Il y aurait encore plusieurs séries à démêler ici, notamment celles évoquant des éléments renvoyant à une présence humaine : liste d’objets (éléments liés aux navires ou à la vie des marins, mais aussi bijoux et accessoires), liste de parties corporelles dont les termes sont souvent utilisés deux à deux dans le poème (« talons et tempes », « cuisses et coudes », « croupes et fronts », « hanches et cils », « seins et paumes », « épaules et boucles », etc.). De façon remarquable, ces éléments humains sont mis sur le même plan que les autres (végétaux, minéraux, animaux) : tous participent à égalité d’une même pâte lexicale et rythmique. On peut ainsi voir L’Œil des Sargasses comme un essai de poésie cosmique où l’humain ne vaut pas plus que l’algue. C’est aussi un essai de poésie élémentaire où chaque fragment lexical – l’élément premier étant ici le mot et non des masses textuelles comme dans les autres essais radiophoniques de Butor [15] – se combine avec d’autres pour faire surgir de l’inouï à l’intérieur d’une relative monotonie répétitive.

Cet entremêlement de séries lexicales aboutissant à une pâte poétique ondulatoire est intéressant à observer dans le détail. On remarque par exemple un travail sur les équivalences et l’interchangeabilité lexicale qui permet à Butor d’expérimenter l’expression du même avec des mots différents : ainsi les « fétuques d’acier » se muent en « paturins d’aluminium », les « vagues de vulpin » en « flots d’élyme », les « brumes de fléoles » en « vapeurs d’agrostide et de tôle », en « vapeurs de plomb » puis en « brumes du magnésium froid », en « gouttes de phalaris et de titane », etc. Il y a là une manière de traduire dans l’ordre de la langue le paradoxe d’une permanence mobile ou, à l’inverse, d’un mouvement perpétuel : de créer poétiquement des « vagues », semblables en surface mais intrinsèquement différentes.

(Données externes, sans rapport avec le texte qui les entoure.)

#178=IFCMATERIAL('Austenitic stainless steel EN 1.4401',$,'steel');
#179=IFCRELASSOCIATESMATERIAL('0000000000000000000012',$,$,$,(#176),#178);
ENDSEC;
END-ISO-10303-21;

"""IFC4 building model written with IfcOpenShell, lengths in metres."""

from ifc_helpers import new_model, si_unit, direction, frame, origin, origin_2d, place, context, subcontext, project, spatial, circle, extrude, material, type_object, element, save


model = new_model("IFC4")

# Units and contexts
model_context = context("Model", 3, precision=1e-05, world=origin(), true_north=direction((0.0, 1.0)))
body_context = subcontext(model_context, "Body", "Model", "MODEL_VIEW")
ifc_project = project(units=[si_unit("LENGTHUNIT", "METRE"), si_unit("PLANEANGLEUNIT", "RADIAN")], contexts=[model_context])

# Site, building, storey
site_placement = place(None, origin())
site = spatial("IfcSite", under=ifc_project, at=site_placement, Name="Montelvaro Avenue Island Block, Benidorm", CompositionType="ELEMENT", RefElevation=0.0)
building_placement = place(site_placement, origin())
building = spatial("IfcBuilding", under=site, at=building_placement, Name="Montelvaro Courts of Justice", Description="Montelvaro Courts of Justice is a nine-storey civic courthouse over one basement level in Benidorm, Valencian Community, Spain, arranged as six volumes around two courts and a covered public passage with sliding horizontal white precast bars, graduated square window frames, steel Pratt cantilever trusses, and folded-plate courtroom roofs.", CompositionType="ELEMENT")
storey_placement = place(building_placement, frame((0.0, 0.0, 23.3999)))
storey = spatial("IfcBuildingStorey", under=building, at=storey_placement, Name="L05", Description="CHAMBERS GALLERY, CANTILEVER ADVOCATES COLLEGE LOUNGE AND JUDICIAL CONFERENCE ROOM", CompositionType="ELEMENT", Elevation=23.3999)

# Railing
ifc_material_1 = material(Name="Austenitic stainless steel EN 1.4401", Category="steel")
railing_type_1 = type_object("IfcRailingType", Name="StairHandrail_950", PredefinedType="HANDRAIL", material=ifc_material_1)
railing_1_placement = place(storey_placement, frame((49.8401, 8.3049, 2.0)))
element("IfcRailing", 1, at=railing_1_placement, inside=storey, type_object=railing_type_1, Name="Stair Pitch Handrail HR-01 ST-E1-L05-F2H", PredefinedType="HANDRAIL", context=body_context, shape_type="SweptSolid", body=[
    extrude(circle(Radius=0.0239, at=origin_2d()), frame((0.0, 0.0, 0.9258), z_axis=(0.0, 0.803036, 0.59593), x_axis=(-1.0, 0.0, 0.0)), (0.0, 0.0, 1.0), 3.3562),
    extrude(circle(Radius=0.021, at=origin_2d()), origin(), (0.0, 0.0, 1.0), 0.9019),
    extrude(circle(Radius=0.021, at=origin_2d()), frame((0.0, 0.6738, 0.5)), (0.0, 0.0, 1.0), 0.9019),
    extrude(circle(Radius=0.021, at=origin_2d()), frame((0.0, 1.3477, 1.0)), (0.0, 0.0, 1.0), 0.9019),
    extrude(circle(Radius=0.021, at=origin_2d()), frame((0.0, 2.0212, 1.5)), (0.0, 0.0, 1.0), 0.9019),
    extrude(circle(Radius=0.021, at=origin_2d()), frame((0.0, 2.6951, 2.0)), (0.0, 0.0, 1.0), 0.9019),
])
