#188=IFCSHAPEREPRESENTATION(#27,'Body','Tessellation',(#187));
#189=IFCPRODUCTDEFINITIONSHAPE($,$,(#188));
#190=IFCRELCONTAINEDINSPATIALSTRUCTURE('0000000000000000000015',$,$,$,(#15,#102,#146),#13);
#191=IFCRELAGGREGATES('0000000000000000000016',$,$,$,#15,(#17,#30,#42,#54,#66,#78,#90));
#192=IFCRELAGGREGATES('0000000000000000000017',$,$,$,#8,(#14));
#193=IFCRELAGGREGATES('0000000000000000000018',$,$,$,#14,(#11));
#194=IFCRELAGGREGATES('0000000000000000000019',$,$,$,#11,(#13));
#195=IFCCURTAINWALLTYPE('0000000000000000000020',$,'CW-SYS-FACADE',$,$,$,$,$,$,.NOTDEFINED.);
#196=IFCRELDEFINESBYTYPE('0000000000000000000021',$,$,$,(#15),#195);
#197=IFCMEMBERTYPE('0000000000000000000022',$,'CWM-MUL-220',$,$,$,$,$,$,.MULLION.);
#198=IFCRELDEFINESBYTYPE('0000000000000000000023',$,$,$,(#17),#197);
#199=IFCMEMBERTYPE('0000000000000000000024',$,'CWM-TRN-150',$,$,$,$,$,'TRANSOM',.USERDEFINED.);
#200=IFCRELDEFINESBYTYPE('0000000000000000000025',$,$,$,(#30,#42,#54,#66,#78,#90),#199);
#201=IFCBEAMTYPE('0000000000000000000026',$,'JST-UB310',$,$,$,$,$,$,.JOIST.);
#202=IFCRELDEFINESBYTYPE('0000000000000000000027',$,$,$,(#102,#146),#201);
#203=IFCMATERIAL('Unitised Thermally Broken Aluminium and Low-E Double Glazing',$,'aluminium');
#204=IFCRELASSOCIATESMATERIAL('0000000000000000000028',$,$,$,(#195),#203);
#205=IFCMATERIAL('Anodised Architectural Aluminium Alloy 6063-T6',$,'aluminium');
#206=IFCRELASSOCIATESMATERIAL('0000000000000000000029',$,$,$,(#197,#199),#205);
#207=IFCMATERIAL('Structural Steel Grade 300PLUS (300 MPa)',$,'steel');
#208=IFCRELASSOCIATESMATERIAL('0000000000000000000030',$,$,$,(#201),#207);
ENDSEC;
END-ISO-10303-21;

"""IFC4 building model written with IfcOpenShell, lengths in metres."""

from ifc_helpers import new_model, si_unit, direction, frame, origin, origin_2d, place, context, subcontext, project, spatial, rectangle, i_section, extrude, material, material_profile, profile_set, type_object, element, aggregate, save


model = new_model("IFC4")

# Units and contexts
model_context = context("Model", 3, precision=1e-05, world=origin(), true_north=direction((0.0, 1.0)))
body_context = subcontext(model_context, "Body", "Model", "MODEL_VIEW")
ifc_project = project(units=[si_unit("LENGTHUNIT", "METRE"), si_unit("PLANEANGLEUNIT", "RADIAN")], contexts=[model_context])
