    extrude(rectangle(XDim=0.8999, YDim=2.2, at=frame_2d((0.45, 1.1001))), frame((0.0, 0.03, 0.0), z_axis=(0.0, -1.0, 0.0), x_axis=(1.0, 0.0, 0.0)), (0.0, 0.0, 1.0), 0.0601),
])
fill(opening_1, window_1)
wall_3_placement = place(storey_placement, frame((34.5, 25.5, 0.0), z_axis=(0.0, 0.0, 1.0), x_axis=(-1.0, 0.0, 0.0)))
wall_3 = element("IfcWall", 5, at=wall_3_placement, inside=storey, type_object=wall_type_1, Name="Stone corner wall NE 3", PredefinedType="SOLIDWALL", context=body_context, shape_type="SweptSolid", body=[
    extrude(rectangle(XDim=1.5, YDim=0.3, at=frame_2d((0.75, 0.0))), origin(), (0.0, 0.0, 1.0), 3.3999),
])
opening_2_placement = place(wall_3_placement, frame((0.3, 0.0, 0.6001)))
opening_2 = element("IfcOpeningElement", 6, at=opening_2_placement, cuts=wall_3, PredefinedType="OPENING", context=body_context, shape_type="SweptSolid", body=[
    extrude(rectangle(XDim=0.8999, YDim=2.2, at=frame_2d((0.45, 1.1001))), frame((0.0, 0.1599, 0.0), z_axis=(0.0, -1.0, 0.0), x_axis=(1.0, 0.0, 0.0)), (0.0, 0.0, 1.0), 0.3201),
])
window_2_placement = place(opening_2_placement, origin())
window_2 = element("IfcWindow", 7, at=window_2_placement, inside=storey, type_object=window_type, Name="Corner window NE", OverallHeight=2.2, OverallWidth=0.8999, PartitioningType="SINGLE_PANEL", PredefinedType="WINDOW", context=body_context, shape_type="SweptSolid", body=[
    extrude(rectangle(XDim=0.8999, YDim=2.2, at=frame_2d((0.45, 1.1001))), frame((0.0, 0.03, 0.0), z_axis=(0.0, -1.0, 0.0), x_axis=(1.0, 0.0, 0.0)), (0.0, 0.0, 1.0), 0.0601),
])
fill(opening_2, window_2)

Ces imbrications de listes lexicales font en outre surgir des sortes de chimères poétiques rappelant certaines images surréalistes : ainsi de ces « flouves en bancs » ou de ces « houlques en branchies ». Mais il me semble que chez Butor ces images ne sont pas recherchées pour elles-mêmes ; elles découlent plutôt d’un ordre mathématique, du moins d’un système de mélanges, de combinaisons, de permutations [16], qui ne cherchent pas tant à exprimer un monde nouveau qu’à faire jouer les mots-matières entre eux, tant au niveau de leurs significations que de leurs sonorités, à les faire « miroiter » dans le flux poétique (si l’on adopte la logique métaphorique et métapoétique du texte).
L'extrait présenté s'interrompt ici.